Il fait valoir le bienfait pour la Chrétienté d’avoir rendu la navigation plus sûre dans le Détroit, où depuis quelque temps une piraterie, pas seulement musulmane, s’était développée. Mais il est embarrassé par sa conquête qui ne rapporte guère et dont la défense coûte cher. Malgré des efforts considérables du sultan de Fès, l’afflux de volontaires de la foi et l’aide de Grenade, qui espérait garder la ville, elle n’a pu être reprise en 1419. La décomposition continue dans le nord du Maroc et le Gharb ravagés par des rebelles pendant une vingtaine d’années à partir de 1411.

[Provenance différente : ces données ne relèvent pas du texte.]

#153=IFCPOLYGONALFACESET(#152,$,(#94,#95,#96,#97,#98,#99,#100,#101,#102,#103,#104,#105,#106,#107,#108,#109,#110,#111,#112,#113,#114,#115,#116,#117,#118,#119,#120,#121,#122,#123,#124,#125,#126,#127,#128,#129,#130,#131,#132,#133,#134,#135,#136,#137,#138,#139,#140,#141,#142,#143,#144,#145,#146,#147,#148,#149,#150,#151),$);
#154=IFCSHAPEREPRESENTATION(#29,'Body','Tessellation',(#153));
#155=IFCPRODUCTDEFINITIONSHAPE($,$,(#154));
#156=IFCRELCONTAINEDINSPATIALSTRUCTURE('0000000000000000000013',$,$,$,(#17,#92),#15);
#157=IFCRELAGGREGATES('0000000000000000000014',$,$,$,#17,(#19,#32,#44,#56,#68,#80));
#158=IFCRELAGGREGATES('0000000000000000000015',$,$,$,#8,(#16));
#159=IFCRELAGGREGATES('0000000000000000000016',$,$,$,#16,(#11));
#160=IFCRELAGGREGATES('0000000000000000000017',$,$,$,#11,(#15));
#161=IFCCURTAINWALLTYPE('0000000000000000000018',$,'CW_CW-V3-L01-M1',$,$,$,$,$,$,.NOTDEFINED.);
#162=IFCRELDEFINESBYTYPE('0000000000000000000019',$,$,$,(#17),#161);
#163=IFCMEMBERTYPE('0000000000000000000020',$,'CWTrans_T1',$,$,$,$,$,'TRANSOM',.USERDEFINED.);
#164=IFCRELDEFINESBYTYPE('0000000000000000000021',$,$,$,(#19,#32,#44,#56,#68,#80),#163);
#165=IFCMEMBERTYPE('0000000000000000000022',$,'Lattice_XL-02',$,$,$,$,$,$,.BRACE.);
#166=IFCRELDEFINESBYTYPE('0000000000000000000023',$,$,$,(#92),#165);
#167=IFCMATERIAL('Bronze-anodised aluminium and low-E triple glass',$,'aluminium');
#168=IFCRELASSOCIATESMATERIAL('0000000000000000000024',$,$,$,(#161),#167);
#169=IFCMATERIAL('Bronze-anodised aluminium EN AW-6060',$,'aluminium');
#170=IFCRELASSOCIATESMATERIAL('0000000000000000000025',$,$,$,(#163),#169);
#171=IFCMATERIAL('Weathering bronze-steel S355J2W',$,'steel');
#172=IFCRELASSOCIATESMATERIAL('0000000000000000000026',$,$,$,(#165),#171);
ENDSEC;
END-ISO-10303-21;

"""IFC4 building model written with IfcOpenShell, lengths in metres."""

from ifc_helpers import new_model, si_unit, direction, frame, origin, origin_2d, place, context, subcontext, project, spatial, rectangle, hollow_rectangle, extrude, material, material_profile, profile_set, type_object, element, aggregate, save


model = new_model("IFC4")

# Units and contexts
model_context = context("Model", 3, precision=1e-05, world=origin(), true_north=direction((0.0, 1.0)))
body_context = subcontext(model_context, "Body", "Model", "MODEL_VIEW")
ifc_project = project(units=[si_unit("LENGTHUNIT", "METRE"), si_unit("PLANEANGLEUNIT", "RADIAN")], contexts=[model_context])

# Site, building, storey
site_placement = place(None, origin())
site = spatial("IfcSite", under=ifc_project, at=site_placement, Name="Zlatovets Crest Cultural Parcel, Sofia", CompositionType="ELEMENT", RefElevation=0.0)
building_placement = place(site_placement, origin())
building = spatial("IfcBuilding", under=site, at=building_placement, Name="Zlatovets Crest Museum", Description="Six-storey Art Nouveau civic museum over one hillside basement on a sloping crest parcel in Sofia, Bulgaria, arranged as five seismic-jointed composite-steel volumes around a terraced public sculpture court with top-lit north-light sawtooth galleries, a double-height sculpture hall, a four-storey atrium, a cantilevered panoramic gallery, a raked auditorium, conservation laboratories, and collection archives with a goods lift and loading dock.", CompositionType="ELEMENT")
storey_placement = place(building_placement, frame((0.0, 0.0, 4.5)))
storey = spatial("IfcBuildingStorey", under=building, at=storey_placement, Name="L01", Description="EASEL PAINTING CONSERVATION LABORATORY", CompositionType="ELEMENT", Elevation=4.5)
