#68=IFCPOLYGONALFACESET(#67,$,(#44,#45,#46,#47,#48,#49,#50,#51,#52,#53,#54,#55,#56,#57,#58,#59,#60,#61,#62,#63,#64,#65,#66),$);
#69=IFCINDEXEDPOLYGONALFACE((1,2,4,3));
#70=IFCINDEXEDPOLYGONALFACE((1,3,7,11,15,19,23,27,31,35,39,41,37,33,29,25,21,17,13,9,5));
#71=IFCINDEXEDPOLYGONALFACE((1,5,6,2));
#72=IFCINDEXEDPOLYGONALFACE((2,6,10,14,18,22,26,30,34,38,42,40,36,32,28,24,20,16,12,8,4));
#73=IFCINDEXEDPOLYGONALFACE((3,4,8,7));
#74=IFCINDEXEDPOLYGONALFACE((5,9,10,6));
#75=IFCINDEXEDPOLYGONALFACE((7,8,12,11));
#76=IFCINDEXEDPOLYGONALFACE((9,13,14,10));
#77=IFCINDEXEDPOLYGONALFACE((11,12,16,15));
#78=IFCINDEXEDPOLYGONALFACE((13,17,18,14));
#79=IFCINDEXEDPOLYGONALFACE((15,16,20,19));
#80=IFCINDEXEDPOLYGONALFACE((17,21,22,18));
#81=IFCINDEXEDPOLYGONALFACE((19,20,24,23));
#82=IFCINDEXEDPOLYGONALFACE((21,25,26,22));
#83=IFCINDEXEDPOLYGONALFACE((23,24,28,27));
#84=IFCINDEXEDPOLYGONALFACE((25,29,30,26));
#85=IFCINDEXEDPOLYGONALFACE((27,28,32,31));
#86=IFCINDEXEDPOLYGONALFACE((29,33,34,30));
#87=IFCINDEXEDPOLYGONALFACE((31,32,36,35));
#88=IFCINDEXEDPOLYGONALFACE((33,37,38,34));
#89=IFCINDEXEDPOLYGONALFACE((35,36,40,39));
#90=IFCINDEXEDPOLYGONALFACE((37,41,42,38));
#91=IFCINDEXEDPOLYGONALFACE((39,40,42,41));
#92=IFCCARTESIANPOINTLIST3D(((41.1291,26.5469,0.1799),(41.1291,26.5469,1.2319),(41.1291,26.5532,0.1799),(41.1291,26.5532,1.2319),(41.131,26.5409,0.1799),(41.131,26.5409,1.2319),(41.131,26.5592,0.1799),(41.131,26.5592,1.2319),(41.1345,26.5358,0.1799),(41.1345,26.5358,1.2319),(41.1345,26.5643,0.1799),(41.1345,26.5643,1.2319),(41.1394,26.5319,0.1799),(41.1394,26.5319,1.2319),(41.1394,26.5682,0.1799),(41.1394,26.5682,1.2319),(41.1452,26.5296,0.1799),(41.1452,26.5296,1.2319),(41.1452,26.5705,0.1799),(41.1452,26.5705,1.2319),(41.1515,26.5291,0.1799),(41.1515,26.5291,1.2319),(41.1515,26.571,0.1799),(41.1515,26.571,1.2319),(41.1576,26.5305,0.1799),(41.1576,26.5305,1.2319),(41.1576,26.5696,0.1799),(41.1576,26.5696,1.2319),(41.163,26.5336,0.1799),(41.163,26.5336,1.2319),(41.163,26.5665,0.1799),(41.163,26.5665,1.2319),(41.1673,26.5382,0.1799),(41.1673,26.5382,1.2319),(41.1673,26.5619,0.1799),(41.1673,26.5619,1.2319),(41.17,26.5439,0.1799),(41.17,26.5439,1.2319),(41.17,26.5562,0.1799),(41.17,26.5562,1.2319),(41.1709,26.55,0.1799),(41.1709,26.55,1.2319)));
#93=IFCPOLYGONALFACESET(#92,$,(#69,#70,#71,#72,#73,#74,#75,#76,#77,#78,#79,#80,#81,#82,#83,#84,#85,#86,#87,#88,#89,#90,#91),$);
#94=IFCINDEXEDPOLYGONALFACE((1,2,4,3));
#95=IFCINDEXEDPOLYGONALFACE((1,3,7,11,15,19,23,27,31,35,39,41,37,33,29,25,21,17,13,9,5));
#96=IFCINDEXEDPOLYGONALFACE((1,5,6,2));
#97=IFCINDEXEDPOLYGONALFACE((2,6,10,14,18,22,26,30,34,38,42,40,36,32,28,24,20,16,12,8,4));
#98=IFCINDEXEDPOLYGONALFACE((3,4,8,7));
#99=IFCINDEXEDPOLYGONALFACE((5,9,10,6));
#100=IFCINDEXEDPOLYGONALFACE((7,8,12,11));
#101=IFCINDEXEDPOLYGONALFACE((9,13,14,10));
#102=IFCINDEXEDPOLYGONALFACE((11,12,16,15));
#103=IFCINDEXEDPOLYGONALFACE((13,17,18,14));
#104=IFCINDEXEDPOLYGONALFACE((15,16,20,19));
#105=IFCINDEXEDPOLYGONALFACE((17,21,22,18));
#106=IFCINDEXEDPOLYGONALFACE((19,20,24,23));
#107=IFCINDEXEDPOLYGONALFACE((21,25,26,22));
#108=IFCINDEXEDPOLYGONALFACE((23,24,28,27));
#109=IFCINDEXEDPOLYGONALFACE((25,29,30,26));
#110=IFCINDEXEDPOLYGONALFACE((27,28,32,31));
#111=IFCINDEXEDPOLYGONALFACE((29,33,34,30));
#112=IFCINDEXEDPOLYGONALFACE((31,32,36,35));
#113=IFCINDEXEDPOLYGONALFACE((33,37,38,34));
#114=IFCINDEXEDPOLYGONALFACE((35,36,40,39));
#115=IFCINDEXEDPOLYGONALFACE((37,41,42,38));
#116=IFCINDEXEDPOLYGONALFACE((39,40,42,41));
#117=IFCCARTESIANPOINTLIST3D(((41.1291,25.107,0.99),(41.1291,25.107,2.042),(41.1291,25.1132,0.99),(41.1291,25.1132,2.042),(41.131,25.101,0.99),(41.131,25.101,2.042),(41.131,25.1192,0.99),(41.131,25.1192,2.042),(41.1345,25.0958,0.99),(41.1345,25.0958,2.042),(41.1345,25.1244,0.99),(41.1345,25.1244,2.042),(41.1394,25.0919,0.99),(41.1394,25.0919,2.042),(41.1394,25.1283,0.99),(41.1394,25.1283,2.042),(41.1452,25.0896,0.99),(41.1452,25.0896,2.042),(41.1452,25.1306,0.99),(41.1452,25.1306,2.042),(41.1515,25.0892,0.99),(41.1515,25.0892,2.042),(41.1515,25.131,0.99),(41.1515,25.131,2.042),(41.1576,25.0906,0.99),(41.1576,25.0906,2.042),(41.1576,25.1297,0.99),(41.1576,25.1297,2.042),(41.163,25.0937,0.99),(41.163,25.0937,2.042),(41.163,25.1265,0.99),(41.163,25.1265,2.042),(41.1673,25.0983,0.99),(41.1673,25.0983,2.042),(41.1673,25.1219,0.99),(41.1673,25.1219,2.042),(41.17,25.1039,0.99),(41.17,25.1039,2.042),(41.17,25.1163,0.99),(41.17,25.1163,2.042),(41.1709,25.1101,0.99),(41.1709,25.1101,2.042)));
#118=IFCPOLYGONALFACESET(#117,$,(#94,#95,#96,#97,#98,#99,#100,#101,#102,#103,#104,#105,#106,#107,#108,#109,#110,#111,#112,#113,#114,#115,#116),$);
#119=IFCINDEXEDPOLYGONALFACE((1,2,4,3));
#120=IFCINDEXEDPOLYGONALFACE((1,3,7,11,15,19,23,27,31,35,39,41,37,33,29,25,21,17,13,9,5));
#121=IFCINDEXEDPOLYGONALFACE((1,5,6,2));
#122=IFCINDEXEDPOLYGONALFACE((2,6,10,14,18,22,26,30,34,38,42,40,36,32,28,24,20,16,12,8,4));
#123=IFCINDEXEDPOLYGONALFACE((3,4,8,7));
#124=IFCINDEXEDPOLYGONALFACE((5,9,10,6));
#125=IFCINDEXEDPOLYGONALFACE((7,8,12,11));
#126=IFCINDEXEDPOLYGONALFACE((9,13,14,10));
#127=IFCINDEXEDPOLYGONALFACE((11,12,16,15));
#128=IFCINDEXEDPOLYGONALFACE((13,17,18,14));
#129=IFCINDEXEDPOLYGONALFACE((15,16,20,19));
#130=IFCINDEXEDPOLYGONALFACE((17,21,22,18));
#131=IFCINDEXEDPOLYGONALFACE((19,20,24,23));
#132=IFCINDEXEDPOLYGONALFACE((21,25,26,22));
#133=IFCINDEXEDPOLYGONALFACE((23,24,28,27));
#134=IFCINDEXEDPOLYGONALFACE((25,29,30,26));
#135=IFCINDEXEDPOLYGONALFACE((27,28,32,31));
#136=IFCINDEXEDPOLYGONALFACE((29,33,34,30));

Les Banī Wattās installés dans la région du Rif, autour de la place forte de Tazūta, à l’est du Rif, à la mort d’Abū Hassūn se sont saisis de Bādis, de Salé et contrôlent l’axe Salé-Fès. Abū Sa‘īd ‘Uthmān III est assassiné en 1420 par son vizir et toute sa descendance massacrée sauf un enfant d’un an, ‘Abd al-Haq. Tlemcen en profite pour installer à Fès un descendant d’Abū Inān. Mais le maître de Salé, Abū Zakariyā Yahyā ben Zayyān al-Wattāssi surnommé Lazraq réagit, fait proclamer ‘Abd al-Haq sultan et s’instaure son protecteur. Le Hafside de Tunis s’empare de Tlemcen en 1425 et menace Fès. Abū Zakariyā lui offre une forte somme et peut-être lui fait hommage pour écarter le danger.

D. Duarte, qui a succédé à son père en 1433, veut en accord avec ses frères et en particulier D. Henrique, dit le Navigateur, s’emparer de Tanger pour consolider la possession de Sebta. Il décide en juillet 1437 cette opération placée sous le signe de la croisade. Mais le siège est mal conduit et les Portugais sont encerclés par l’armée de Fès venue au secours de la ville. Pour éviter un désastre, ils sont obligés de capituler en octobre. Pour se rembarquer le roi D. Duarte doit signer un traité par lequel il s’engage à rendre Sebta et laisse, en gage de son exécution, son jeune frère, D. Fernando, en otage. Mais sous différentes pressions, dont celle de D. Henrique qui avait poussé à l’entreprise, et malgré son affection pour son frère, D. Pedro qui exerce la régence après la mort de D. Duarte (de chagrin, dit-on) se refuse à restituer Sebta, tout en essayant d’obtenir la libération du prince. D. Fernando meurt à Fès, en 1443 et prend la figure d’un martyr : O Infanto Santo. Le mérite de la victoire est attribué à Abū Zakariyā, le tuteur de ‘Abd al-Haq, qui en tire bénéfice pour renforcer son pouvoir. Il est le vrai maître à Fès.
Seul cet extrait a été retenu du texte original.